Miah__Wadud · ‎07-23-2015

When I print the thread pinning strategy, the MPI ranks and OpenMP threads are using CPU cores 0-15, so no process/thread is oversubscribing the CPU cores. The point I am trying to make is that OpenMP should at least match MPI for embarrassingly parallel code such as the one I am using, if not be even better. This is because thread synchronisation has a lower overhead than process synchronisation. What would be good to see is if you can re-create this situation because the performance of 2, 4, 8 threads/processes is nearly identical but diverges significantly for 16 threads/processes. Please see the attached graph for the discontinuity in the performance from 8 to 16 CPU cores. If you think the function f(x) is causing the performance degradation, then you can inline it. I doubt this is the case as f(x) is so small and is hardly doing anything!

TimP · ‎07-23-2015

If you'd like more informed comments, give us a working source code and your compile and run time options. You leave too much guesswork as to what you might have done.

Most posted versions at all similar to yours use f(x) as an old-fashioned statement function, which would be in-lined by optimizing compilers.

Once again, I don't see the point of trying to avoid simd optimization, particularly if you wish your OpenMP to be competitive. Did you use -O0 for gfortran only? Yes, that's a fairly well known cheat to get maximum threaded performance scaling by setting a low base performance.

There are pitfalls in OpenMP on a NUMA platform if you don't use affinity, some of which John mentioned. One would think that OpenMP tree reduction should be encouraged also to take advantage of affinity.

Miah__Wadud · ‎07-24-2015

Hi, Please find attached source code. The build instructions are: 1. Put both files in the same directory; 2. ifort -c types_mod.F90; 3. mpiifort -c -I. -openmp pi_mpi.F90 -o pi_mpi.o 4. mpiifort -openmp pi_mpi.o -o pi_mpi Let me know if you need further information. Regards,

TimP · ‎07-24-2015

I'm seeing OpenMP performance 3 times MPI performance, without building for the current instruction set. ifort reports a potential speedup due to simd (even the way you report building it) of 1.7, which seems to be realized in practice.

I suppose the MPI is more efficient on your platform than mine. When running 1 rank, there seems little difference in performance between 1 thread per core (with affinity) and 2 per core, but I'm questioning whether MPI is dealing correctly with hyperthreads.

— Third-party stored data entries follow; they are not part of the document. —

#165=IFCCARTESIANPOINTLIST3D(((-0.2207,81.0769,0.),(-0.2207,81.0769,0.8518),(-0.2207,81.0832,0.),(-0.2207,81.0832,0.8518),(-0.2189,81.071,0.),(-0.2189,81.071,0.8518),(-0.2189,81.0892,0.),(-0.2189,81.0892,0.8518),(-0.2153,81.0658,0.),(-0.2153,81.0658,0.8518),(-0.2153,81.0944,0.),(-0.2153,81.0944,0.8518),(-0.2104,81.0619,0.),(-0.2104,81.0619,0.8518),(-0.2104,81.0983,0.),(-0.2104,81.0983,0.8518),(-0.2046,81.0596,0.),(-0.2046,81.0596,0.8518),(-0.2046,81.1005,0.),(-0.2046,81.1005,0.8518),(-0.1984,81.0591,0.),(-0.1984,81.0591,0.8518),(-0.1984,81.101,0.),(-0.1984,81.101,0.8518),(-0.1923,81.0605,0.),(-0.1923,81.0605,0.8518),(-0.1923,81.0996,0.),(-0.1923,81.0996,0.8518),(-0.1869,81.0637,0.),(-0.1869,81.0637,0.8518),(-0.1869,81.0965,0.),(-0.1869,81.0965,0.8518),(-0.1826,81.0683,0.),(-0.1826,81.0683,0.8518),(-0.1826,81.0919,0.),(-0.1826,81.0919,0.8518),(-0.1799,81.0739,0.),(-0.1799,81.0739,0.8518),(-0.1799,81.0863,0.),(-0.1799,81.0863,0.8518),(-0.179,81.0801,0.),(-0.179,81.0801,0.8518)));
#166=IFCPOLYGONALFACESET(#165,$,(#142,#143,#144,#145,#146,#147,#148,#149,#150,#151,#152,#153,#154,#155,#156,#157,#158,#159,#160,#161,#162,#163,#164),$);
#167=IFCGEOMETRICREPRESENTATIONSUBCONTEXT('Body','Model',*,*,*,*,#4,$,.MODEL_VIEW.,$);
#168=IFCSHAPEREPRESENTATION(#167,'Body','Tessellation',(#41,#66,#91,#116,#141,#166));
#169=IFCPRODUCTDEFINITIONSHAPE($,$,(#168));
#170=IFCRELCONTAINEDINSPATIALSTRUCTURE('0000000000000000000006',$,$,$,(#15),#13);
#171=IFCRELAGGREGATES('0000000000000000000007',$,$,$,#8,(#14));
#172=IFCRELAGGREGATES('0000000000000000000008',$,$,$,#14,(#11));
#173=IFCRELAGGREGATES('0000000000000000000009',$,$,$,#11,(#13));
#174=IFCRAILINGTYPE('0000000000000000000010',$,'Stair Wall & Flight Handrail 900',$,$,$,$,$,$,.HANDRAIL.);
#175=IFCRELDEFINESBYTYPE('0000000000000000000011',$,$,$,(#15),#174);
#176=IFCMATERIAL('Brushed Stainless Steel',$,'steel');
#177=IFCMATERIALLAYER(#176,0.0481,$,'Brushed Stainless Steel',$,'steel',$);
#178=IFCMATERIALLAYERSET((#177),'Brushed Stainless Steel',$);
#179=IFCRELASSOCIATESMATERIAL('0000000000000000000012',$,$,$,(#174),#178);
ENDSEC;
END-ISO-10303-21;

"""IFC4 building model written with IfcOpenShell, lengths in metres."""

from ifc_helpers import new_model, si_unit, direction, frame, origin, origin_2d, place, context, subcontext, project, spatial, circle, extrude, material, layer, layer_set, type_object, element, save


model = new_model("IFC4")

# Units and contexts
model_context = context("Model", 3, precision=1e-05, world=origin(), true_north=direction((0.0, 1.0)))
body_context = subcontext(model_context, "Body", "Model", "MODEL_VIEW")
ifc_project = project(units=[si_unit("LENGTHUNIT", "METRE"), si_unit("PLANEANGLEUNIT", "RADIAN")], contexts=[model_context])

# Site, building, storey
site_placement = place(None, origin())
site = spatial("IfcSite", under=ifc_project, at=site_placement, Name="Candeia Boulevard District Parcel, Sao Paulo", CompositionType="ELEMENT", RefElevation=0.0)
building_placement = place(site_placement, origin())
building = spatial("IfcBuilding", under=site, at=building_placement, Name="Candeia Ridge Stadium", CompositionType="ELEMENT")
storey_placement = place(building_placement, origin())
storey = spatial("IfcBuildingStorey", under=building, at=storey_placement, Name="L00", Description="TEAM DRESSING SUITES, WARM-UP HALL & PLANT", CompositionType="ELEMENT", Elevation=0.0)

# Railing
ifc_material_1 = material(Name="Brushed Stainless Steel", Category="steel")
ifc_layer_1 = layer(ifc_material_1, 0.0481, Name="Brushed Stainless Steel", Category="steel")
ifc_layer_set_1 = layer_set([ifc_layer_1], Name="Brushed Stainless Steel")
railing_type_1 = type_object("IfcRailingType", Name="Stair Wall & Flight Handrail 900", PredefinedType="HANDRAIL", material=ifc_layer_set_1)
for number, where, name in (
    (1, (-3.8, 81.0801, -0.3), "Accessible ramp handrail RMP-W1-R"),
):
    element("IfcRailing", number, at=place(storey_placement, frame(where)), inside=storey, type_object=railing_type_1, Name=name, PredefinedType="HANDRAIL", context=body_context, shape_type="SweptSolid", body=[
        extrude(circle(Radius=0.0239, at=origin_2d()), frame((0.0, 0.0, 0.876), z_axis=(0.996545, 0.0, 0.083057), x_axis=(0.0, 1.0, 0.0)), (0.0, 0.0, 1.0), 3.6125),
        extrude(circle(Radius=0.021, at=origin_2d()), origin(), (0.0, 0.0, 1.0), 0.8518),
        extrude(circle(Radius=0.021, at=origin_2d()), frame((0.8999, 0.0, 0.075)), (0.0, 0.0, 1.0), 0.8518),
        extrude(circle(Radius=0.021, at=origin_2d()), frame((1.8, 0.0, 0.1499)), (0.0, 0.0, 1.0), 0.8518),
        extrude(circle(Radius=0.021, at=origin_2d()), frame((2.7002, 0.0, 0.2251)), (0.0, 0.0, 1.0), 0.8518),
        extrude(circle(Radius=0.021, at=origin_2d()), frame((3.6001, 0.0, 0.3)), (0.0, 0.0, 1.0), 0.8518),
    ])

An issue is possible inefficiency of the code used to convert integer(int64) to real(real64). It's not a fast single instruction as it would be for int32 . The divide instruction is slow also and doesn't seem to speed up with AVX2. These seem to be responsible for the low quoted simd speedup.

ifort is rejecting sometimes your redundant inclusion of i in the private list.

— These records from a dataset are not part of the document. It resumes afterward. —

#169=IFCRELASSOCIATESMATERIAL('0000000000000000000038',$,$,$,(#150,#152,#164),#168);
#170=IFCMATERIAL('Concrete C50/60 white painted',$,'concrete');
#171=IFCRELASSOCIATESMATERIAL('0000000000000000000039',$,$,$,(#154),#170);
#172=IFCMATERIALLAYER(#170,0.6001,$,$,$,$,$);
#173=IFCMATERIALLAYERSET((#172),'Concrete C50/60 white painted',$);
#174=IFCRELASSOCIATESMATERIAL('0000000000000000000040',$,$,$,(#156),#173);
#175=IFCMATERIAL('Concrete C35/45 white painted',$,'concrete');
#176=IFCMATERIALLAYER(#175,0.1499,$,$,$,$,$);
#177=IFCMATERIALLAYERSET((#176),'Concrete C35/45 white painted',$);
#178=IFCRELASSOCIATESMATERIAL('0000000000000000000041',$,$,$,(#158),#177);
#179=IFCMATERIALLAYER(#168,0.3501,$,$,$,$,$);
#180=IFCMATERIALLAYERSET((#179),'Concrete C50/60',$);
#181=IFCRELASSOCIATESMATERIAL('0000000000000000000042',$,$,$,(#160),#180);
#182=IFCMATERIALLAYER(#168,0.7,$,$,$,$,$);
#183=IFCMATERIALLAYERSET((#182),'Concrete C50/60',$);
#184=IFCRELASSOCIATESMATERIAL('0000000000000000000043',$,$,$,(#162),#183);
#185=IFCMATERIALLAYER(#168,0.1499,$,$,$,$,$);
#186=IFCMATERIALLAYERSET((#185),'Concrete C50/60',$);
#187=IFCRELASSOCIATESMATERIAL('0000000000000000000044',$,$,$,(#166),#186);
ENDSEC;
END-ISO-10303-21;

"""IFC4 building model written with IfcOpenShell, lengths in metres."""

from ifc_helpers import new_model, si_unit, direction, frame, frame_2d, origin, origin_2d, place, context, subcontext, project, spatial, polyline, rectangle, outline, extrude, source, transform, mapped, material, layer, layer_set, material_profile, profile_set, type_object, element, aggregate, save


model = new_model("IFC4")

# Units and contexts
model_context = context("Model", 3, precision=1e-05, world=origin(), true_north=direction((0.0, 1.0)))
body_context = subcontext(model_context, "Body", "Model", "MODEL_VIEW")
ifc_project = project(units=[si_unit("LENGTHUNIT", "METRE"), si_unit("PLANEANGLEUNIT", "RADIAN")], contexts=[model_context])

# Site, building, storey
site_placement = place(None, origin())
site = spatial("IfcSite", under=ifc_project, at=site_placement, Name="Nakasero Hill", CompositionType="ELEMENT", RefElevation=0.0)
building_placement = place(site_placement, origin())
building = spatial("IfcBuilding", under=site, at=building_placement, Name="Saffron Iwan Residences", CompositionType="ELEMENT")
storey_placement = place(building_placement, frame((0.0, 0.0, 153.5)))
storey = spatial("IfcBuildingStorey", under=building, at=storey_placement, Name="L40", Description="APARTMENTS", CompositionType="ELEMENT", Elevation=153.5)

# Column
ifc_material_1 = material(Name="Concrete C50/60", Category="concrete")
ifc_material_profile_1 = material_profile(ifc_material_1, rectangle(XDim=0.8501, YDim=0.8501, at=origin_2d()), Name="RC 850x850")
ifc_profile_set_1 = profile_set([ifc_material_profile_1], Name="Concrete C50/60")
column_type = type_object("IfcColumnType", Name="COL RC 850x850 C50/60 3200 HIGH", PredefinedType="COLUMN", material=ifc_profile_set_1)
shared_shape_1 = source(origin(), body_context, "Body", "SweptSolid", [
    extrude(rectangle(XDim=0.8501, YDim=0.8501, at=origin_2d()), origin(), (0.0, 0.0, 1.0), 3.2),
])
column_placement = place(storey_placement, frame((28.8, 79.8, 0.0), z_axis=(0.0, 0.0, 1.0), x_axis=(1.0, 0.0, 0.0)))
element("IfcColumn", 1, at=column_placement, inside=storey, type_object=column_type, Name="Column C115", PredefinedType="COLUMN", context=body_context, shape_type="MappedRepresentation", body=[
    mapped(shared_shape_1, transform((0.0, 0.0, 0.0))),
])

I don't have the OpenMPI library for gfortran installed. I suppose gfortran may require some tweaking of options etc. to get the simd speedup, but I'm guessing you may have left it at -O0, It's an old question to what extent compiler default differences between ifort and gfortran might be considered bugs. Perhaps you would like ifort better at -O0 (as implied by -g)?

McCalpinJohn · ‎07-24-2015

Using the instructions above and compiling with the Intel 15.0.2 compiler and the Intel 5.0.2 MPI libraries, I get a runtime of 22.4x seconds for both the 1-thread/16-task and 16-thread/1-task cases. (Xeon E5-2680 "Sandy Bridge EP", running at the max all-core Turbo frequency of 3.1 GHz.)

Using "perf stat" shows that the number of instructions varies by less than 0.3% between the two cases.

I had to modify the launching of the jobs slightly as my environment does not allow me to directly execute the "mpirun" command. I set KMP_AFFINITY to "verbose,compact" and ran the jobs with the local job launcher:

16 Tasks, 1 thread each: export OMP_NUM_THREADS=1; perf stat ibrun ./pi_mpi
1 Task, 16 threads: export OMP_NUM_THREADS=16; perf stat ibrun -n 1 -o 0 ./pi_mpi

Running with 1 task and 8 threads bound to one socket resulted in exactly twice the runtime, as expected.